- Pitcher
- Born: 1862 East St. Louis, Illinois, U.S.
- Died: August 2, 1899 (aged 36–37) East St. Louis, Illinois, U.S.
- Batted: UnknownThrew: Unknown

MLB debut
- September 19, 1885, for the Providence Grays

Last MLB appearance
- September 19, 1885, for the Providence Grays

MLB statistics
- Win–loss record: 0–1
- Earned run average: 4.50
- Innings pitched: 8
- Stats at Baseball Reference

Teams
- Providence Grays (1885);

= John Ward (pitcher) =

American baseball player (1862–1899)

John T. Ward (1862 - August 2, 1899) was an American baseball pitcher.

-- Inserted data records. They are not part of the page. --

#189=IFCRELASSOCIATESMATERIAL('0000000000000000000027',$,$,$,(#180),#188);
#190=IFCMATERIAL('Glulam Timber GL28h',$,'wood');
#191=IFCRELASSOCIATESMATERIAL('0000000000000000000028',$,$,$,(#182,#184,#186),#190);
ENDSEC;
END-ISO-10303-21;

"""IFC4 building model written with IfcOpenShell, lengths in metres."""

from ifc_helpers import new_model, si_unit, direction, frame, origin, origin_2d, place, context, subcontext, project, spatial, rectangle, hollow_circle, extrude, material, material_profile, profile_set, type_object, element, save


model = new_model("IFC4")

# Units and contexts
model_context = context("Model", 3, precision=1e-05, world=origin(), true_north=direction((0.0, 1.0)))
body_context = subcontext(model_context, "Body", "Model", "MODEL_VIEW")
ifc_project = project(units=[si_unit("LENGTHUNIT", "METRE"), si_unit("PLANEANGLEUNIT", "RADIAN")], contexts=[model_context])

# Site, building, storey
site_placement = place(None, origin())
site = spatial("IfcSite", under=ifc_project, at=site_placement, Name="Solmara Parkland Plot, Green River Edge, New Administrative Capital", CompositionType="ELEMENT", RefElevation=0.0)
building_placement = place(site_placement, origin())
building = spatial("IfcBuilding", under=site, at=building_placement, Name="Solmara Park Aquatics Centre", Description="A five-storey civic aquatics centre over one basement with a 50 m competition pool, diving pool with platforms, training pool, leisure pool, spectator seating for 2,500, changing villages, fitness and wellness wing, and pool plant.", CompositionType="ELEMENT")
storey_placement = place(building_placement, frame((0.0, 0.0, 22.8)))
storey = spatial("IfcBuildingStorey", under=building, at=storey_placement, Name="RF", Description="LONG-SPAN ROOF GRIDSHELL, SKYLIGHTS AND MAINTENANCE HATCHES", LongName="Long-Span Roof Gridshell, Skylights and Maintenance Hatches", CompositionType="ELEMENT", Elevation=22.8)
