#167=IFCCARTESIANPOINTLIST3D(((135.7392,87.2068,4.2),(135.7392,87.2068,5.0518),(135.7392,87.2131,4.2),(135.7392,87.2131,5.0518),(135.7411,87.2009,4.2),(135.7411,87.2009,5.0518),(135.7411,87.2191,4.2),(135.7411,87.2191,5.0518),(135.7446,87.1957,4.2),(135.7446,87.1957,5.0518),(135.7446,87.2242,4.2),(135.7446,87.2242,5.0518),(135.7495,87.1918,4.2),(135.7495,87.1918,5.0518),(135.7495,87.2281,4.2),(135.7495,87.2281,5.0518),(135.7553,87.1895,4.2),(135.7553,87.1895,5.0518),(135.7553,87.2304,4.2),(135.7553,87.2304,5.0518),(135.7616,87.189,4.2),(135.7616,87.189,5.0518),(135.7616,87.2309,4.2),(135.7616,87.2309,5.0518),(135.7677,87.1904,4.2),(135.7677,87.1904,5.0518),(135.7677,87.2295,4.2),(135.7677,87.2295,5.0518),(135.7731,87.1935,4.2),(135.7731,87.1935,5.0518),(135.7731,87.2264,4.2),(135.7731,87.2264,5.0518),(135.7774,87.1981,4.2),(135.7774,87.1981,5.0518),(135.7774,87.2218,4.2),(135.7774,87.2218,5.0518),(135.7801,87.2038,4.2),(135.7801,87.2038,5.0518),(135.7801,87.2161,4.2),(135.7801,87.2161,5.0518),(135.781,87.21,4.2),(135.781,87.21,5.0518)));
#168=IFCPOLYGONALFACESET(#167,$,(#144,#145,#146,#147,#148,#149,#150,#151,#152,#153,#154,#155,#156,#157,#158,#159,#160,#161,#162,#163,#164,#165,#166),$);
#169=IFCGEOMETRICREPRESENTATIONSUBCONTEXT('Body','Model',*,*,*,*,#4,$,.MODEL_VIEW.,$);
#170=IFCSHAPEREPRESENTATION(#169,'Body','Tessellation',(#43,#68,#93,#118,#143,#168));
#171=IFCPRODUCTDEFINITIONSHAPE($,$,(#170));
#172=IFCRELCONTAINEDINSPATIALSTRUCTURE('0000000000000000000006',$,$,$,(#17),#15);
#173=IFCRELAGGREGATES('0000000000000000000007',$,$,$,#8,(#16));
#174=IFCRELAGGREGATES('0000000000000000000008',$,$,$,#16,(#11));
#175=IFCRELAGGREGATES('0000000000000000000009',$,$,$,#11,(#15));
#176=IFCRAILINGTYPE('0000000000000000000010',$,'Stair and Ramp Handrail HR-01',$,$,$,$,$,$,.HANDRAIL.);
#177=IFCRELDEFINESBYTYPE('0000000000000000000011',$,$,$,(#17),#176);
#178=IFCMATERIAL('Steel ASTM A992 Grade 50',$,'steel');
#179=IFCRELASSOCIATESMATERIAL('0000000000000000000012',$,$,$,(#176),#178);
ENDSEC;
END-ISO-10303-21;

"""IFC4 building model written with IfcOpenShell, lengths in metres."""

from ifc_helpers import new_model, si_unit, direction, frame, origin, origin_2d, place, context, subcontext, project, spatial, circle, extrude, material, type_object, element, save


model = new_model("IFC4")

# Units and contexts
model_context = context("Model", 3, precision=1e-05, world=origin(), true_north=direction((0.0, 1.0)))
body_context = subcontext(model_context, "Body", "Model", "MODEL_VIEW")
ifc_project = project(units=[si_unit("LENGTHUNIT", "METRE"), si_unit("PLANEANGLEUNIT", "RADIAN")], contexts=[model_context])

Born in 1862 at East St. Louis, Illinois, Ward was a stockyard worker and played for the independent Bellville Nationals, where he had a "splendid record" at pitcher. He played one game in Major League Baseball for the 1885 Providence Grays on September 19 of that year. Ward's appearance resulted from a sore arm to the scheduled Providence pitcher, Dupee Shaw. The game was played in St. Louis, and Ward, a local man, was given a trial. Ward pitched a complete game, giving up seven runs (only two of which were earned), 10 hits, one base on balls, and 13 total bases. When he struck out two batters in the fifth inning, a contingent in the crowd from East St. Louis applauded vigorously. The St. Louis Globe-Democrat described his pitching as "very steady" and noted that his pitching was "better than the support", as the team gave up five unearned runs.

Ward returned to the Nationals in 1886. By 1895, although retired by that time, he was still known locally as "the old favorite pitcher of the old Nationals."

Ward later worked for several years as the head office man at Cassidy Brothers, a livestock company in Kansas City, Missouri. He was married to Nellie Sullivan, and they had one child. He contracted consumption and died from that disease in 1899 at age 37 at his father-in-law's home in East St. Louis.